These "refund after overcharge" things are not without benefit to the corporations.

They get a nice tax write-off.

It's couch-cushion change for them, but it adds up. They have whole armies of beancounters, dreaming this stuff up.

It's also the game behind those "coupons" you get, for outrageously-priced meds that aren't covered by insurance.

If they charge $1,000 for the medication, but give you a "special discount" for $90%, they get to write off $900.

I’m fairly certain that’s incorrect.

Businesses are only taxed on actual revenue earned.

What you decide to charge—whether $100, $50, or even giving it away for free—is purely a business decision, not a tax one.

This is different from a nonprofit donation scenario though. For example, if your service normally costs $X but you choose to provide it for free (or at a discount) as a donation to a non-profit, you can typically write off the difference.

You may be right (this is not my forte), but the invoice is real. So is the forgiveness. I don’t see how the IRS can legitimately deny a write-off.

I’ve heard stories like this, many times, from businesses people.

They certainly believe in the pattern.

> Businesses are only taxed on actual revenue earned.

I don't want to go too far down the rabbit hole of hn speculation, but if another entity owes you 100k, and they go bankrupt, there absolutely are tax implications.

Agreed … but that is a different situation.

That is a lack of payment situation.

Revenue was still earned (and charged) … and since you never collected revenue then you don’t pay taxes.

Actually, I described two different things.

The second one (the prescription one) may well be wrong.
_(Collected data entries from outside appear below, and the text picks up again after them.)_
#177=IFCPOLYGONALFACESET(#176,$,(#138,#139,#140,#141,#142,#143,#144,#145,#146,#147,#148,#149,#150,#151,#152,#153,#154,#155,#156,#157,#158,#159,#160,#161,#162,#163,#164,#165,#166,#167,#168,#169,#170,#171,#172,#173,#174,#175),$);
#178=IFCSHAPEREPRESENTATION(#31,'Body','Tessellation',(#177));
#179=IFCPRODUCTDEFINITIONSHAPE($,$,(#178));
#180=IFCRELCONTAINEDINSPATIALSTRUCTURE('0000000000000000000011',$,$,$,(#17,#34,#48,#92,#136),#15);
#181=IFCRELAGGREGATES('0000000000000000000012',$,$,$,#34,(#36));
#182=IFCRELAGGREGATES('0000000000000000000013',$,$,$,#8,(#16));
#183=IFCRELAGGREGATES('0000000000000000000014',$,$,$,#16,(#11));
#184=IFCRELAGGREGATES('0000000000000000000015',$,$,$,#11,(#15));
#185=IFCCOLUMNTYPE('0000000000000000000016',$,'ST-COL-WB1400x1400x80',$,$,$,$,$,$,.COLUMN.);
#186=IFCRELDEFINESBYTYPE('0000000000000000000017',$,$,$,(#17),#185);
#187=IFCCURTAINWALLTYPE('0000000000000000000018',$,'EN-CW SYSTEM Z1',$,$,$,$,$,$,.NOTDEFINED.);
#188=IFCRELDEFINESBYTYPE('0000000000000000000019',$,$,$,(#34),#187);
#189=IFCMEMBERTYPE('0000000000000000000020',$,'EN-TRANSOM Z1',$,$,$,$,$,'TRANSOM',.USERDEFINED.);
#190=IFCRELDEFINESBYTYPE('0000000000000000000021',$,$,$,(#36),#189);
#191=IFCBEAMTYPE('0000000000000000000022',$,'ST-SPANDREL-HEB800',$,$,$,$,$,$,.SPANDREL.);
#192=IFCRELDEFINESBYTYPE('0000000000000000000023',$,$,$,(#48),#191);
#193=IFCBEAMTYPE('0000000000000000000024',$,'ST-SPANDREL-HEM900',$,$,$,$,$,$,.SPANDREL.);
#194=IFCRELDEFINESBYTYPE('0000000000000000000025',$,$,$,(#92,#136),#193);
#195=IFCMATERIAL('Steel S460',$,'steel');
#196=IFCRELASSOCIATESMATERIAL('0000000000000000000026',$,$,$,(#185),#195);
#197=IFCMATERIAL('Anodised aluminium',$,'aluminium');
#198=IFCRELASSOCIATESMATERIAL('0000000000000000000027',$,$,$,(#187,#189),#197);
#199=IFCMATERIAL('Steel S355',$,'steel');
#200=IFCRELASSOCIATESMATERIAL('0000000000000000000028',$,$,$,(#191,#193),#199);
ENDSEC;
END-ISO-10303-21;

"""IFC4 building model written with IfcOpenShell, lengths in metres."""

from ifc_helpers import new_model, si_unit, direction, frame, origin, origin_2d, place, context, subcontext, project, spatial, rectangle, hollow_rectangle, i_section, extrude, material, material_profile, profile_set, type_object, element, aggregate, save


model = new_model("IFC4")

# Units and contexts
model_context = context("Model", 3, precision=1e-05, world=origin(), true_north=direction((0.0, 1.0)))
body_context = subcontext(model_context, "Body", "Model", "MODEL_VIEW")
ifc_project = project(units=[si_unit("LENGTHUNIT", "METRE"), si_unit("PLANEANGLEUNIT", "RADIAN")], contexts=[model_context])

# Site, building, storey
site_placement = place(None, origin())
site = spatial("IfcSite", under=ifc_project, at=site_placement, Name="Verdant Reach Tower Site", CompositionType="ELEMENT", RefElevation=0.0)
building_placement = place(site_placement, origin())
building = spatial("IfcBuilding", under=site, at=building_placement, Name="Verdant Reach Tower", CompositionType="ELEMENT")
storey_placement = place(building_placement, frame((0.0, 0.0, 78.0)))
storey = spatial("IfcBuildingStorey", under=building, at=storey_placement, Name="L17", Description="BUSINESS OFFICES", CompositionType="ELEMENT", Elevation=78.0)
It’s total speculation, on my part.

The first one, though, I’m pretty sure is right.

I love the traditional debate tactic, where we find one part of an argument to be wrong, and use that, to say the other part is, too.
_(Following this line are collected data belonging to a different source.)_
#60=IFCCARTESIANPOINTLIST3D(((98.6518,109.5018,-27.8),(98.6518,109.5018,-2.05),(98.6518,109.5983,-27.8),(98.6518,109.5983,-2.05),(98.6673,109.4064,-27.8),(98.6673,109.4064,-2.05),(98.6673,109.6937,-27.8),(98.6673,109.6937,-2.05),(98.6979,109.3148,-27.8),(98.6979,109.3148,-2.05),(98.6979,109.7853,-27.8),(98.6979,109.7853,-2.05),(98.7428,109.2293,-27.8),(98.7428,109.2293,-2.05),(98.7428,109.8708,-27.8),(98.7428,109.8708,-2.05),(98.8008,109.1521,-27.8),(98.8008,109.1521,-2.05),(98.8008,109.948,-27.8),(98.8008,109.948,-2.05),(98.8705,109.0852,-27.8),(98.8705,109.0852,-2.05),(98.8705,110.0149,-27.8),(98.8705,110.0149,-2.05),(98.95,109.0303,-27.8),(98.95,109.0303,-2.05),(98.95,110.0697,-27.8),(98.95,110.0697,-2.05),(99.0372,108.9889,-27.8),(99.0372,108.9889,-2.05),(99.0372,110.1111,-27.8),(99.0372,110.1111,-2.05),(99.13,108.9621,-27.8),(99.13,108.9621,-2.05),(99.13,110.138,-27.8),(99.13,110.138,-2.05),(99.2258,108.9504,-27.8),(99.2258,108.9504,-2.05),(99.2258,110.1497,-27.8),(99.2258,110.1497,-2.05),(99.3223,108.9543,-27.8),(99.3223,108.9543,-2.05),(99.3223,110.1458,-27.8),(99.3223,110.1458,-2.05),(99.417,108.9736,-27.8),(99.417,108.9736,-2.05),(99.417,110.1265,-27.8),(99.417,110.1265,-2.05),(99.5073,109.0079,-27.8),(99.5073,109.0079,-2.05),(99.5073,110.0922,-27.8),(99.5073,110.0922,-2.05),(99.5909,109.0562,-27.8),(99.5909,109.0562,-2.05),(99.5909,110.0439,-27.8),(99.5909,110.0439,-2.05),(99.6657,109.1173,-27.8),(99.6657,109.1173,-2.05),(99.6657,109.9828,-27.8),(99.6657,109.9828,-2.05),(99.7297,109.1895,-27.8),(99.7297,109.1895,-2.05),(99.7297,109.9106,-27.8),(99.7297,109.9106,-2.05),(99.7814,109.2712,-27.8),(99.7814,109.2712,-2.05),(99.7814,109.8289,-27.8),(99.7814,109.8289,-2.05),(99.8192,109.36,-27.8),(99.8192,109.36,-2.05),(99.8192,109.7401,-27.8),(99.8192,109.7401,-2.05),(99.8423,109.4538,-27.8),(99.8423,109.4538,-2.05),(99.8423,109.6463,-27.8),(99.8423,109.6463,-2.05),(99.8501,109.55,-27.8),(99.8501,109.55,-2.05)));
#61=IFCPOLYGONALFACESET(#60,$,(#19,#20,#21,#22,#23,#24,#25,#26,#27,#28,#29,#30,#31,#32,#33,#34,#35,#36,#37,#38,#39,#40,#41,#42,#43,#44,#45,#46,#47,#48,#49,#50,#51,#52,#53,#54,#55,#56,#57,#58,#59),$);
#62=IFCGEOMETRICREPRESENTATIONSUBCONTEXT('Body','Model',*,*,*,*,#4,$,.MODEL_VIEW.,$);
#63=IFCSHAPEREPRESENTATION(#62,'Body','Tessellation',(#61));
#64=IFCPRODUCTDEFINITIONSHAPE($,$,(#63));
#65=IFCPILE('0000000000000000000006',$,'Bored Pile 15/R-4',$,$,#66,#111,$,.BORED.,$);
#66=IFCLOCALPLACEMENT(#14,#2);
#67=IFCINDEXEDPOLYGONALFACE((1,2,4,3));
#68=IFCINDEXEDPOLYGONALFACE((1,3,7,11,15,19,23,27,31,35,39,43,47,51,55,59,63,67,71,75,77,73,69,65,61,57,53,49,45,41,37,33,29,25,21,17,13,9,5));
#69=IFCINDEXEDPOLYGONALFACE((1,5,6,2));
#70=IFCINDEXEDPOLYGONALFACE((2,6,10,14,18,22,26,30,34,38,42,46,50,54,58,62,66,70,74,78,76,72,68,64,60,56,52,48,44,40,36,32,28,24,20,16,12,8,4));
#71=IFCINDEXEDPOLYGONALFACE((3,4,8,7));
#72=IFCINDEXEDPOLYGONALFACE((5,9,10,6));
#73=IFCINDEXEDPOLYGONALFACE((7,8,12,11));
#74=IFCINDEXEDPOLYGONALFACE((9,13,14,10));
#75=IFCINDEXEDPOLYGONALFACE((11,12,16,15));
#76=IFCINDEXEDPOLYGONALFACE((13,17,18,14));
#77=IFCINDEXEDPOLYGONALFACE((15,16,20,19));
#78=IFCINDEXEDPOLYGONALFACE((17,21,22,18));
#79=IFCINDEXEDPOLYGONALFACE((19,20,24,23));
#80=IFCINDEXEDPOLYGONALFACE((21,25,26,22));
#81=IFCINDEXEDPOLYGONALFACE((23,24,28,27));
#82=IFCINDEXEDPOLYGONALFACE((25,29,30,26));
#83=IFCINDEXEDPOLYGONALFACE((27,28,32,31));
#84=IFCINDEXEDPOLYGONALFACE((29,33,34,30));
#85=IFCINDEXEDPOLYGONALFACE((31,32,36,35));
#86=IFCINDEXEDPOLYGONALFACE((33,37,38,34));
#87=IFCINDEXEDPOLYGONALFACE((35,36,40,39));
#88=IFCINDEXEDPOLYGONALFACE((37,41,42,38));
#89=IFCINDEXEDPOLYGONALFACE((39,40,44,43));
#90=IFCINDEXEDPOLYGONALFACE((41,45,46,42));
It’s no matter. I’m done here, anyway, and yield to you. The fox ain’t worth the chase.

Would the tax implications not just be for whatever it costs on their end, regardless of what the customer was charged?

Smells like fraud.

A lot of things are "fraud" when an individual or small business does it but perfectly normal and considered merely good business acumen when done by a big corporation. Even more so now that the US government is openly for sale (it was always for sale, but before at least they had the decency to pretend it wasn't).
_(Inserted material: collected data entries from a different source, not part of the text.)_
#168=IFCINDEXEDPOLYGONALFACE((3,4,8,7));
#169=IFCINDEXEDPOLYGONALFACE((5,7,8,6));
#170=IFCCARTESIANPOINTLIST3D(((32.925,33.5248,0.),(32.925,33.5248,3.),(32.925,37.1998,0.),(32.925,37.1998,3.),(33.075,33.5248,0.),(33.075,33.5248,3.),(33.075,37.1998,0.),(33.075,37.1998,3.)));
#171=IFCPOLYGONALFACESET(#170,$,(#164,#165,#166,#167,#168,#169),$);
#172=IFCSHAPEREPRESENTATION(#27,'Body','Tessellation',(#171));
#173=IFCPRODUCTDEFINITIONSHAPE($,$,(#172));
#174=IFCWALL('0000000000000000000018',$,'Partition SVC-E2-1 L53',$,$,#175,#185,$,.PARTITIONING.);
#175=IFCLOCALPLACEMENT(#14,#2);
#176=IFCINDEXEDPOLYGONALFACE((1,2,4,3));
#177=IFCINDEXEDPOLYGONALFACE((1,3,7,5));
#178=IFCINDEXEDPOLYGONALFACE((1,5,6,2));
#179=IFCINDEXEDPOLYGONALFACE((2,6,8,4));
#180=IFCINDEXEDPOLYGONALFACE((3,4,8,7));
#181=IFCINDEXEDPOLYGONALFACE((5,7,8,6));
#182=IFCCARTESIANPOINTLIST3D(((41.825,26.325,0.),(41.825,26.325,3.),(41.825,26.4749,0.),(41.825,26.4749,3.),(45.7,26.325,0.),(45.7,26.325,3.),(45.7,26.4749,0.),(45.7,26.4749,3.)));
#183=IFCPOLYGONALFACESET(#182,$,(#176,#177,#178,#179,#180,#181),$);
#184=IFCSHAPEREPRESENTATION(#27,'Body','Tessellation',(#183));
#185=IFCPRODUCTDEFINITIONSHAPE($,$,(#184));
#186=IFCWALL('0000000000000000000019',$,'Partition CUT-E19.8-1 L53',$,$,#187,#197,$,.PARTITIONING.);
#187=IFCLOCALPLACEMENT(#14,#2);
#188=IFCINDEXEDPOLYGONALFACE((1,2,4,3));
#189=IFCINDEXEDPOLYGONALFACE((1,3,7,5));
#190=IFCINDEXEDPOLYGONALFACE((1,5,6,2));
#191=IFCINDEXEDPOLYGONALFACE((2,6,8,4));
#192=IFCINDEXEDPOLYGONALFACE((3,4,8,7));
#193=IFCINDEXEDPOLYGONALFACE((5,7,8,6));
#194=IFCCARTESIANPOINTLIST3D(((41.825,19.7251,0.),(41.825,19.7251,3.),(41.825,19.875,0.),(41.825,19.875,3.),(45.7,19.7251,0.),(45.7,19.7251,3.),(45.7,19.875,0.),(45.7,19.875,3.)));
Yeah man the whole industry is like that. OpenAI gets to say they raised X billion dollars and update their valuation but they don't mention that it's all cloud compute credits from a gigantic Corp that owns a huge amount of the business. They claim to be a non-profit to do the research then when they've looted the commons, they switch to for profit to pay out the investors. There's shit like this throughout the industry.